Bild: Sauerstoff-Tanks für Indien in einer Halle der U. S Air Force in Travis …
taz: Frau Cavazzini, die [1][US-Regierung hat sich für eine temporäre
Aussetzung des Patentschutzes] für Corona-Impfstoffe ausgesprochen. Wie
finden Sie das?
Anna Cavazzini: Die Entscheidung der USA ist bahnbrechend. Seit Monaten
hatten hunderte Abgeordnete in Europa, NGOs, über 100 Staaten der WTO die
temporäre Aussetzung der geistigen Eigentumsrechte für Covid-Impfstoffe und
Medizin gefordert, was von EU und allen anderen westlichen
Industrienationen blockiert wurde. Mit diesem Kurswechsel der USA kommen
wir einer gerechteren globalen Verteilung der Impfstoffe näher.
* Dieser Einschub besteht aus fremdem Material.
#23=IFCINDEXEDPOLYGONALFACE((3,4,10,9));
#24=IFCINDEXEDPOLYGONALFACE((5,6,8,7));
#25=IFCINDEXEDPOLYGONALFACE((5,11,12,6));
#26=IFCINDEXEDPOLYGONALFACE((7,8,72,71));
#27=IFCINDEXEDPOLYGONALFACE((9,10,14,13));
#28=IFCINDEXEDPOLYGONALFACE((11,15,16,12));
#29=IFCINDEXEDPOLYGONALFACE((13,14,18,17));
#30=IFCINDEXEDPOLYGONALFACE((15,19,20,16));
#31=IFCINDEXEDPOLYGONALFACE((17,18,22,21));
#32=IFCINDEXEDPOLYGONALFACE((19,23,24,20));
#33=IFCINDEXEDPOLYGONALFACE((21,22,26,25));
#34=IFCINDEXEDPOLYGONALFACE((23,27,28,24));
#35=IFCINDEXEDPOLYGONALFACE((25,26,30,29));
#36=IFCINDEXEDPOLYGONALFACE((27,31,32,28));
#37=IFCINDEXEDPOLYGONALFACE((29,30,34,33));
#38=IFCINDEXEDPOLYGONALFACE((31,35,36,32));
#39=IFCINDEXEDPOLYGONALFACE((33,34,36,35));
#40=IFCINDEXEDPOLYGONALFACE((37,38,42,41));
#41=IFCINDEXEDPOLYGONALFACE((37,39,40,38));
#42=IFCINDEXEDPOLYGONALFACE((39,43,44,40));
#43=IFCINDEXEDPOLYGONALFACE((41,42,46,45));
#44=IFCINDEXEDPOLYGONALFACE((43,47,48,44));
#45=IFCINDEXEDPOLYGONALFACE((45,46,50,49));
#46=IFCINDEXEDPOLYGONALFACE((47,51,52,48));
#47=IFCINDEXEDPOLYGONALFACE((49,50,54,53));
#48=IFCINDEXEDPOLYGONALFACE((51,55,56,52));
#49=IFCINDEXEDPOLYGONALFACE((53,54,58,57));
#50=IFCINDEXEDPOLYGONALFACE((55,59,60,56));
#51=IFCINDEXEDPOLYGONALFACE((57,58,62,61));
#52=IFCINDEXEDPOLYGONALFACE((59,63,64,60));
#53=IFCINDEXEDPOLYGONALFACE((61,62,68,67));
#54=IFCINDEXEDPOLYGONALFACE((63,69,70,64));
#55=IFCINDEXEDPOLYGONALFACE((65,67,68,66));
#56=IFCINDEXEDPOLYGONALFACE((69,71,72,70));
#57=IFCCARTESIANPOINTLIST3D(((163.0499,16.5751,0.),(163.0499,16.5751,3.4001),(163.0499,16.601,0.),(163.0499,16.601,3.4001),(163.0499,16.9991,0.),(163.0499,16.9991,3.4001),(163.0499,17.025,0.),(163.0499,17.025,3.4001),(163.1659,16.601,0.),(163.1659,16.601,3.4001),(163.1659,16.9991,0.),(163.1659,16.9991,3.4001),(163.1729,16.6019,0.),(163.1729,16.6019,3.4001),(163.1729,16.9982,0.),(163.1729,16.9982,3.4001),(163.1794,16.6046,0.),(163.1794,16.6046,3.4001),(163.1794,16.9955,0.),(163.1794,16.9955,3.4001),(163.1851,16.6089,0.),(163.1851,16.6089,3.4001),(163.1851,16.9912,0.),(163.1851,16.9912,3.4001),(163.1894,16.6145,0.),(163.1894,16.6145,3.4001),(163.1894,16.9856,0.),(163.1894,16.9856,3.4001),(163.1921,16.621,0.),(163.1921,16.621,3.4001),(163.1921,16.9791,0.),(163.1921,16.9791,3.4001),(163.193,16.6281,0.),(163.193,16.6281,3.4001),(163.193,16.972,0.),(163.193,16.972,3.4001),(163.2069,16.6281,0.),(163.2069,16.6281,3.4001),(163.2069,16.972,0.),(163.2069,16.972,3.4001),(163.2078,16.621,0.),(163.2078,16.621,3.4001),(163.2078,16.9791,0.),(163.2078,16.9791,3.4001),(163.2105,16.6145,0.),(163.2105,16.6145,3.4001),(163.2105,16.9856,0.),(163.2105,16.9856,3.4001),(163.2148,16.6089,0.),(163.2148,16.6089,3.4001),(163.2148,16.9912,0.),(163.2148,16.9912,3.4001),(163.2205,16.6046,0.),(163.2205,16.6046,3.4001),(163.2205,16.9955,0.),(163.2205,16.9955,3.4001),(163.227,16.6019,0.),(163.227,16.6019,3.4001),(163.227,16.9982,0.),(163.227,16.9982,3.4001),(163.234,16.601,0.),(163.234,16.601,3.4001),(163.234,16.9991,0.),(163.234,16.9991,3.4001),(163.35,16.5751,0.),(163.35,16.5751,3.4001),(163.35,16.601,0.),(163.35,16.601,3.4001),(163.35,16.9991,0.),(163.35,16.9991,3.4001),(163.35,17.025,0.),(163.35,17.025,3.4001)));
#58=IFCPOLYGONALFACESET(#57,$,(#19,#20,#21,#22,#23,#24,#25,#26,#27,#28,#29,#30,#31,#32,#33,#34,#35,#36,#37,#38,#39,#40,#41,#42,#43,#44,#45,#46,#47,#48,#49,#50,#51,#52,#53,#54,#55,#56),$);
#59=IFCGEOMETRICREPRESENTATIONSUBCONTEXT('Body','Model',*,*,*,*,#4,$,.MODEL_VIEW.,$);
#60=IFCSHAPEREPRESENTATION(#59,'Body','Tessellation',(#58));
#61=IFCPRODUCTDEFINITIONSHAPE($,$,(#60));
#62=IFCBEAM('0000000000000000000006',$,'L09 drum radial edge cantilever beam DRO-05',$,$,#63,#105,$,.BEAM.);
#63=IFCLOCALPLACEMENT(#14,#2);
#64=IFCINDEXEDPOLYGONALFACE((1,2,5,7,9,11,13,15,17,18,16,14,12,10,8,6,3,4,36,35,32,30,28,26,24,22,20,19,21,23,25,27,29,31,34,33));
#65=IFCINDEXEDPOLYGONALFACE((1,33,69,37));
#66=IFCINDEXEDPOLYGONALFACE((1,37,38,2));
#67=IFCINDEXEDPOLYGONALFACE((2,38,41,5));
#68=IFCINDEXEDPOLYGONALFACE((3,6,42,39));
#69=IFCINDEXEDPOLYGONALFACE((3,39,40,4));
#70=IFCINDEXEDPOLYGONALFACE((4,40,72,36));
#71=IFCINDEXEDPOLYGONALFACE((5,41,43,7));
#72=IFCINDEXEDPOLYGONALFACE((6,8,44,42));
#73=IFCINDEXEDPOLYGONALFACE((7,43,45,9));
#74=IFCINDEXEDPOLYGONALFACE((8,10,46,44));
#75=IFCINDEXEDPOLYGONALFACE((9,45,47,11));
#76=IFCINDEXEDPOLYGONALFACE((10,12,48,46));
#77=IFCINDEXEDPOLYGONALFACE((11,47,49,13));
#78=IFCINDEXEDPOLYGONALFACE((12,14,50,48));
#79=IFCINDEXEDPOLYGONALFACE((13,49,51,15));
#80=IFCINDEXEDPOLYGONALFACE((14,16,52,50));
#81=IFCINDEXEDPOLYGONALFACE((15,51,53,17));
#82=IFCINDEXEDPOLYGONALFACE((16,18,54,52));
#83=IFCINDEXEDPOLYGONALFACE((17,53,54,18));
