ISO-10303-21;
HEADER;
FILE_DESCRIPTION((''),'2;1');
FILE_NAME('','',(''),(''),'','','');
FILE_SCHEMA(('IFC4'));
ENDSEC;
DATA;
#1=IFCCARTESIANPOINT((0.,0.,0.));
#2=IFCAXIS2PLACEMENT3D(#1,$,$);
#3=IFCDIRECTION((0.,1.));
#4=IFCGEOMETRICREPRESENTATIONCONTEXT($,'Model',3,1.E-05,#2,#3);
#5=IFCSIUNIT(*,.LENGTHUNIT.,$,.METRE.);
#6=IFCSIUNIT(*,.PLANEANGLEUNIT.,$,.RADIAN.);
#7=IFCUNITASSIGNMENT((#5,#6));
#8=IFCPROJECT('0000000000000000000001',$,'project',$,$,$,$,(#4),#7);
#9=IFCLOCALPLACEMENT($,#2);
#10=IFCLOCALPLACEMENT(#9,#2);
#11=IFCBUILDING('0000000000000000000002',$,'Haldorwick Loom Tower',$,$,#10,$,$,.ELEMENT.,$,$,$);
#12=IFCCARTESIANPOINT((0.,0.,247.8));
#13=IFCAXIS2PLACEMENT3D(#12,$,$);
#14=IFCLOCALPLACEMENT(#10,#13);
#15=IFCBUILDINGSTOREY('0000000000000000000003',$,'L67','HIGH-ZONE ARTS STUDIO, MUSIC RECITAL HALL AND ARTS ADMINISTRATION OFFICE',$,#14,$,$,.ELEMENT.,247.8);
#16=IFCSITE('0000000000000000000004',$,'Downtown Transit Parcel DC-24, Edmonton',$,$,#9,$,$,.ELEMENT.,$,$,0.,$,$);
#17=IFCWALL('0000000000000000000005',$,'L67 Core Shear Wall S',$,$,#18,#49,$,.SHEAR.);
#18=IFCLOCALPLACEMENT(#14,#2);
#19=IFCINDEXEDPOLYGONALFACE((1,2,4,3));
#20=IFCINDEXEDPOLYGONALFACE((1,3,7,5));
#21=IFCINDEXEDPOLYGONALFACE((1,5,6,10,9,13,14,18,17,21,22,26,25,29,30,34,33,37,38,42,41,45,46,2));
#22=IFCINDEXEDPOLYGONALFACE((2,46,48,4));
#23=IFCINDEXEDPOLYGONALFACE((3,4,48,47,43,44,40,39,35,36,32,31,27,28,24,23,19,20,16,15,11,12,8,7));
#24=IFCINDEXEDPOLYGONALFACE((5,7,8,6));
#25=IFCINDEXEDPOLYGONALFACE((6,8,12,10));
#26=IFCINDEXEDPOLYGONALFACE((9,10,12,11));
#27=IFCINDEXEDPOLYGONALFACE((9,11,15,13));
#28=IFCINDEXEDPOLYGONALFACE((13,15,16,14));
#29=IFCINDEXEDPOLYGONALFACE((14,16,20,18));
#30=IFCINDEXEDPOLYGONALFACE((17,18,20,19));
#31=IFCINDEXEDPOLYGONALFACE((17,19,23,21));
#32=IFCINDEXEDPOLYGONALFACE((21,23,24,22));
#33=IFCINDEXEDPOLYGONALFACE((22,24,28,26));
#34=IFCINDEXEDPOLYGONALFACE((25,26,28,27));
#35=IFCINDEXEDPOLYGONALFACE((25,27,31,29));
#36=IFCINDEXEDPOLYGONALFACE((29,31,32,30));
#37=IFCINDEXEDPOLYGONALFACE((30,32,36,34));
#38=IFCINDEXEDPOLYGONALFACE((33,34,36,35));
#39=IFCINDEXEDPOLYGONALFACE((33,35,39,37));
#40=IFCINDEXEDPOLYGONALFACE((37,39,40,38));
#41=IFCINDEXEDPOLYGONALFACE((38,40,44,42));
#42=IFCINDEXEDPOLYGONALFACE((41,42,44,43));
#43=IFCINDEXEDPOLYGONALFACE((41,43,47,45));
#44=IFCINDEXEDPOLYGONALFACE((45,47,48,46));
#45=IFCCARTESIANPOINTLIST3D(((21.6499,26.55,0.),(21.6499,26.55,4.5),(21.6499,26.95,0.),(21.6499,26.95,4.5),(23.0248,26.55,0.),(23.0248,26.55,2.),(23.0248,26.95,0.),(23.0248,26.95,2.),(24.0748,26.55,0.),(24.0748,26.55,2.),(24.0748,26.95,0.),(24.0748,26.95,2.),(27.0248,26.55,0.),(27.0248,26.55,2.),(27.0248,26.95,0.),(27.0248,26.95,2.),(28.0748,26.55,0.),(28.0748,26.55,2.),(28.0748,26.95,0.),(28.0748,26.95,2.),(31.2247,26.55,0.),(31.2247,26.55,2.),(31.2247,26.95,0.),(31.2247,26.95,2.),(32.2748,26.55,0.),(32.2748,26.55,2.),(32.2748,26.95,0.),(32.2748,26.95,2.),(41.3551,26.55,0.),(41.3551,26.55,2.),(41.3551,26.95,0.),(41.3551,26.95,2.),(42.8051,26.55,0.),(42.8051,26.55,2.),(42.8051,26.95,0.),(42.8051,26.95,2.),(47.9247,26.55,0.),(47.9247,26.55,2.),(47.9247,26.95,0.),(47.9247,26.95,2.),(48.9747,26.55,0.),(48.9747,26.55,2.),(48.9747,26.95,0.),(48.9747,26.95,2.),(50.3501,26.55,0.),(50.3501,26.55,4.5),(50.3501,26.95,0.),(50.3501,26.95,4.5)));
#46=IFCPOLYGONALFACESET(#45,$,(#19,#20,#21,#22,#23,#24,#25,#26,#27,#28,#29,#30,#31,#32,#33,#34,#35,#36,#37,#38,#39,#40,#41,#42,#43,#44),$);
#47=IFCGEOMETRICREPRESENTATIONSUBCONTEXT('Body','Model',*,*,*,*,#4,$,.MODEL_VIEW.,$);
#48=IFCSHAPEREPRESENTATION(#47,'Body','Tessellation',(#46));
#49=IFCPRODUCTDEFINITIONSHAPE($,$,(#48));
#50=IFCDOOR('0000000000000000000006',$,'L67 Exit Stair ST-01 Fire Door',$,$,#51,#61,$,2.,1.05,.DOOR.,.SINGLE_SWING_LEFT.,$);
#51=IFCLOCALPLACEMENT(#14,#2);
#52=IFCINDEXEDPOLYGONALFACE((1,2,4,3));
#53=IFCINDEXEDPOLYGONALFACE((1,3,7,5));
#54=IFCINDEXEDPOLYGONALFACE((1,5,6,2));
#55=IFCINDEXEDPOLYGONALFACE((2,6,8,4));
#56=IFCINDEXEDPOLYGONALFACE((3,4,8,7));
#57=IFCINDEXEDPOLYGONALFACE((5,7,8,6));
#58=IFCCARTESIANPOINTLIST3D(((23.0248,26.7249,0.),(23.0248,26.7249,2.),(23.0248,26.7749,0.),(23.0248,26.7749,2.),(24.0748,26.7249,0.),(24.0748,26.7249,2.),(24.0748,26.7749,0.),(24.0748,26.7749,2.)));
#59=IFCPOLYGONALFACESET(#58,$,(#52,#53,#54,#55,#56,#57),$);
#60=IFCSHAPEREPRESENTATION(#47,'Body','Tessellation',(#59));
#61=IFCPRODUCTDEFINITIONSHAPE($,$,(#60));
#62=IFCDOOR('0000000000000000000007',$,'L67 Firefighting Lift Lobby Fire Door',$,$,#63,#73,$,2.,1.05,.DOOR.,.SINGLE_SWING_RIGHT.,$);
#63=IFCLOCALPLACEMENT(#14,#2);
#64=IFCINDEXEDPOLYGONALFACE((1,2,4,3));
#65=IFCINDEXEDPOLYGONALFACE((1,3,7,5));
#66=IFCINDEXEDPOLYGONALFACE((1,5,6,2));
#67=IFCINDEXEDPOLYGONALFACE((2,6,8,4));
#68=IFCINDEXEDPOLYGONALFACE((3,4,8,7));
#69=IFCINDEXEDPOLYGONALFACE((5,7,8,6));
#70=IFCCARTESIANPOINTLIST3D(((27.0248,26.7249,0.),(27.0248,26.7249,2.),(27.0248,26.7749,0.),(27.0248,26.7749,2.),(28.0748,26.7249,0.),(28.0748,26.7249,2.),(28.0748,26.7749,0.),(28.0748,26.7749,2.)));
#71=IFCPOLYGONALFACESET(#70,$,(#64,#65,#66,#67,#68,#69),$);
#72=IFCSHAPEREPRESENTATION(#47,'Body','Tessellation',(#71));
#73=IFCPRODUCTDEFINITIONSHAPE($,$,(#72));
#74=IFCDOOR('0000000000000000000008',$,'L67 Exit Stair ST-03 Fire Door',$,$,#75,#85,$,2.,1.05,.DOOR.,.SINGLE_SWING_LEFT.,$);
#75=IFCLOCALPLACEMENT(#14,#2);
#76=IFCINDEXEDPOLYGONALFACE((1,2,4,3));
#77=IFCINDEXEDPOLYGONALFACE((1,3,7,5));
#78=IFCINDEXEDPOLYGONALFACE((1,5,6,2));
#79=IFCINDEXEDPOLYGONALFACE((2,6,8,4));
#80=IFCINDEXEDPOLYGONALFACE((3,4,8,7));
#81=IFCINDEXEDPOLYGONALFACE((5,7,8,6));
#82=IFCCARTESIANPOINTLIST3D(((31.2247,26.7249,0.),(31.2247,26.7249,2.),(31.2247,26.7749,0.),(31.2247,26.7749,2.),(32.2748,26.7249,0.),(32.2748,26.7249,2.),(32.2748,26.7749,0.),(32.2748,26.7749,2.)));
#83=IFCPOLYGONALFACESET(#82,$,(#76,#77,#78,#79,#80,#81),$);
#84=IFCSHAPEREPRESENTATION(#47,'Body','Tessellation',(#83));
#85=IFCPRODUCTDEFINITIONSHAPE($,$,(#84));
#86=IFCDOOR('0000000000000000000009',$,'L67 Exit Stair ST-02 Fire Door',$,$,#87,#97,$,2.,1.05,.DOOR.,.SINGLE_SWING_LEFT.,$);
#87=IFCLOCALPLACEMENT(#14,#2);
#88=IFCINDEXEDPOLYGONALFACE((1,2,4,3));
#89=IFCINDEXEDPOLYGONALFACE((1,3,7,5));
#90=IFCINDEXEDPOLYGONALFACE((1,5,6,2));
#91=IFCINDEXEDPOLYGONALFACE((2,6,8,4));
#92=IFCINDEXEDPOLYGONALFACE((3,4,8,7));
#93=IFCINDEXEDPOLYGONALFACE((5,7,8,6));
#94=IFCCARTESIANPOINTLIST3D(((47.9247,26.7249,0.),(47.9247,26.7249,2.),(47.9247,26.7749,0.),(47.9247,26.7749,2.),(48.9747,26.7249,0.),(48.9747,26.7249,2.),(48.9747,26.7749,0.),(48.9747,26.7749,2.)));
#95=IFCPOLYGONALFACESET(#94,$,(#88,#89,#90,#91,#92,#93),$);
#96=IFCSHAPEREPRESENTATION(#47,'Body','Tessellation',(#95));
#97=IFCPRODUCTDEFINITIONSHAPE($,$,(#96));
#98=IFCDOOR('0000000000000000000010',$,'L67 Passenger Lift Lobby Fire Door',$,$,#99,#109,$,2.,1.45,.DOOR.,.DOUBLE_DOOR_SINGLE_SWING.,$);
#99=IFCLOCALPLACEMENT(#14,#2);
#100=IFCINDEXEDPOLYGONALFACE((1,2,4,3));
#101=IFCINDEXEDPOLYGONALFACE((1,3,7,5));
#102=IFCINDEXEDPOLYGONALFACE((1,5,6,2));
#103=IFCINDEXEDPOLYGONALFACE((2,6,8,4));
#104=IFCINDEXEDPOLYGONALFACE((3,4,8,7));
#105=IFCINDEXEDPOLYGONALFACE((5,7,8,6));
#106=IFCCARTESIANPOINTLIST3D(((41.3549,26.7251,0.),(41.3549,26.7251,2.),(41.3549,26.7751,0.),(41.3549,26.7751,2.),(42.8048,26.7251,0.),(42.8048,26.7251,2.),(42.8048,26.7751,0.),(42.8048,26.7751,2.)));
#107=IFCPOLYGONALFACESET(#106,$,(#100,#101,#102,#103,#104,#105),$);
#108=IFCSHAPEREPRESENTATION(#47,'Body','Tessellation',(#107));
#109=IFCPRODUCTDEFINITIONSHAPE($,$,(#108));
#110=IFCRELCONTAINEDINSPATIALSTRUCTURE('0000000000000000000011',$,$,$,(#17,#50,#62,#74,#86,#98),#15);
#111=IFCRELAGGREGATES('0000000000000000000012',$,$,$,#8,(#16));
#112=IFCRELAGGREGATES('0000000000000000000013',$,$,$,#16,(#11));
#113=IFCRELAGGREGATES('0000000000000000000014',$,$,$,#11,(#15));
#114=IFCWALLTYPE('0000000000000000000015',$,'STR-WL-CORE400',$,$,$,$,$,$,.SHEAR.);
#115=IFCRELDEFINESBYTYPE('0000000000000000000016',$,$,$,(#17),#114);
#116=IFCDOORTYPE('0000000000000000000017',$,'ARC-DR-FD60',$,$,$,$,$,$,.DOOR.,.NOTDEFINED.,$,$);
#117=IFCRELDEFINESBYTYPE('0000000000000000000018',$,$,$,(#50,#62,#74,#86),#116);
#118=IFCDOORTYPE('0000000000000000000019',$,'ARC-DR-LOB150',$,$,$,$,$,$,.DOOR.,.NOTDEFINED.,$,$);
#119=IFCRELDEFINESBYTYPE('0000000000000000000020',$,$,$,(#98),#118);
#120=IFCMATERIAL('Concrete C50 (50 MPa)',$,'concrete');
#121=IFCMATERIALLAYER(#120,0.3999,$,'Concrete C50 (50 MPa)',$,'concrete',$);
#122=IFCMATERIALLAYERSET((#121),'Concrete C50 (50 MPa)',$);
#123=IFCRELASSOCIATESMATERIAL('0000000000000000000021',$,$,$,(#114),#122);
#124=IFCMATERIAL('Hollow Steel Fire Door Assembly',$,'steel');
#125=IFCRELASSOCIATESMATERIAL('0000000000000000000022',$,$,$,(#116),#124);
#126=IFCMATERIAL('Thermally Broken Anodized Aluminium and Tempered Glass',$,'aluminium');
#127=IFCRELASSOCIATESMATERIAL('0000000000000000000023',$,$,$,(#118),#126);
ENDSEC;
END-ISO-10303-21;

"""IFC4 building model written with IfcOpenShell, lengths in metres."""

from ifc_helpers import new_model, si_unit, direction, frame, frame_2d, origin, place, context, subcontext, project, spatial, rectangle, extrude, material, layer, layer_set, type_object, element, fill, save


model = new_model("IFC4")

# Units and contexts
model_context = context("Model", 3, precision=1e-05, world=origin(), true_north=direction((0.0, 1.0)))
body_context = subcontext(model_context, "Body", "Model", "MODEL_VIEW")
ifc_project = project(units=[si_unit("LENGTHUNIT", "METRE"), si_unit("PLANEANGLEUNIT", "RADIAN")], contexts=[model_context])

# Site, building, storey
site_placement = place(None, origin())
site = spatial("IfcSite", under=ifc_project, at=site_placement, Name="Downtown Transit Parcel DC-24, Edmonton", CompositionType="ELEMENT", RefElevation=0.0)
building_placement = place(site_placement, origin())
building = spatial("IfcBuilding", under=site, at=building_placement, Name="Haldorwick Loom Tower", CompositionType="ELEMENT")
storey_placement = place(building_placement, frame((0.0, 0.0, 247.8)))
storey = spatial("IfcBuildingStorey", under=building, at=storey_placement, Name="L67", Description="HIGH-ZONE ARTS STUDIO, MUSIC RECITAL HALL AND ARTS ADMINISTRATION OFFICE", CompositionType="ELEMENT", Elevation=247.8)

# Shared definitions
ifc_material_1 = material(Name="Concrete C50 (50 MPa)", Category="concrete")

# Shared definitions
ifc_material_2 = material(Name="Hollow Steel Fire Door Assembly", Category="steel")

# Wall, openings, doors
ifc_layer_1 = layer(ifc_material_1, 0.3999, Name="Concrete C50 (50 MPa)", Category="concrete")
ifc_layer_set_1 = layer_set([ifc_layer_1], Name="Concrete C50 (50 MPa)")
wall_type_1 = type_object("IfcWallType", Name="STR-WL-CORE400", PredefinedType="SHEAR", material=ifc_layer_set_1)
wall_1_placement = place(storey_placement, frame((21.6499, 26.75, 0.0), z_axis=(0.0, 0.0, 1.0), x_axis=(1.0, 0.0, 0.0)))
wall_1 = element("IfcWall", 1, at=wall_1_placement, inside=storey, type_object=wall_type_1, Name="L67 Core Shear Wall S", PredefinedType="SHEAR", context=body_context, shape_type="SweptSolid", body=[
    extrude(rectangle(XDim=28.7002, YDim=0.3999, at=frame_2d((14.3501, 0.0))), origin(), (0.0, 0.0, 1.0), 4.5),
])
opening_1_placement = place(wall_1_placement, frame((1.375, 0.0, 0.0)))
opening_1 = element("IfcOpeningElement", 2, at=opening_1_placement, cuts=wall_1, PredefinedType="OPENING", context=body_context, shape_type="SweptSolid", body=[
    extrude(rectangle(XDim=1.05, YDim=2.0, at=frame_2d((0.5249, 1.0))), frame((0.0, 0.21, 0.0), z_axis=(0.0, -1.0, 0.0), x_axis=(1.0, 0.0, 0.0)), (0.0, 0.0, 1.0), 0.4199),
])
opening_2_placement = place(wall_1_placement, frame((5.375, 0.0, 0.0)))
opening_2 = element("IfcOpeningElement", 3, at=opening_2_placement, cuts=wall_1, PredefinedType="OPENING", context=body_context, shape_type="SweptSolid", body=[
    extrude(rectangle(XDim=1.05, YDim=2.0, at=frame_2d((0.5249, 1.0))), frame((0.0, 0.21, 0.0), z_axis=(0.0, -1.0, 0.0), x_axis=(1.0, 0.0, 0.0)), (0.0, 0.0, 1.0), 0.4199),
Selbst die [2][EU-Kommision ist jetzt zu Gesprächen] bereit. Als im Oktober
2020 Südafrika und Indien bei der Welthandelsorganisation den
vorübergehenden Verzicht auf Patente für Covid-Impfstoffe und Medikamente
forderten, haben Sie und andere EU-Abgeordnete den Vorstoß unterstützt.
Aber die EU blieb bei Ihrer Blockadehaltung. Überrascht Sie die Kehrtwende?
Damals sind wir ziemlich auf Granit gestoßen in der EU-Kommission. Es hieß
immer, dass eine Lockerung der geistigen Eigentumsrechte nichts bringen
würde, weil die Länder des globalen Südens überhaupt keine
Produktionskapazitäten dafür hätten, und dass das alles zu lange dauern
würde.
Was können Sie dem entgegensetzen?
[3][Mehrere Unternehmen in Kanada, Bangladesch, Südkorea, Pakistan und
Israel] stehen zur Produktion bereit und haben bislang vergebens versucht,
die Rechte für die Produktion von Covid-19-Impfstoffen zu erhalten.
Weltweit werden derzeit laut UNICEF-Daten nur 43 Prozent der gemeldeten
Covid-19-Impfstoff-Produktionskapazitäten für die zugelassenen Impfstoffe
genutzt. Aufgrund von Firmengeheimnissen ist unklar, wie viel freie
Kapazität genau vorhanden ist. Doch die weltweite
Covid-Impfstoff-Produktionskapazität könnte erheblich erweitert werden,
wenn alle Unternehmen, die in der Lage sind, Impfstoff zu produzieren, sich
an der Herstellung beteiligen.
Andere sagen, dass das Aussetzen der Patente die Innovationskraft der
Firmen schwächt, weil dann die Anreize fehlen, in Forschung und Entwicklung
zu investieren.
Der von Südafrika und Indien vorgeschlagene TRIPS-Waiver würde unser
derzeitiges System der Innovationsanreize nicht demontieren. Es handelt
sich um einen engen, zeitlich begrenzten Verzicht, der nur darauf abzielt,
in einer globalen Pandemie den weltweiten Zugang zu Covid-19-verwandten
Produkten zu erleichtern und gemeinsam die Pandemie zu überwinden. Außerdem
sind bereits öffentliche Gelder in Milliardenhöhe in die
Covid-Impfstoffentwicklung und Beschaffung geflossen. Dadurch bleiben die
Anreize für Forschung und Entwicklung erhalten. In den Industrienationen
werden die Unternehmen weiterhin Gewinne mit dem Impfstoff machen.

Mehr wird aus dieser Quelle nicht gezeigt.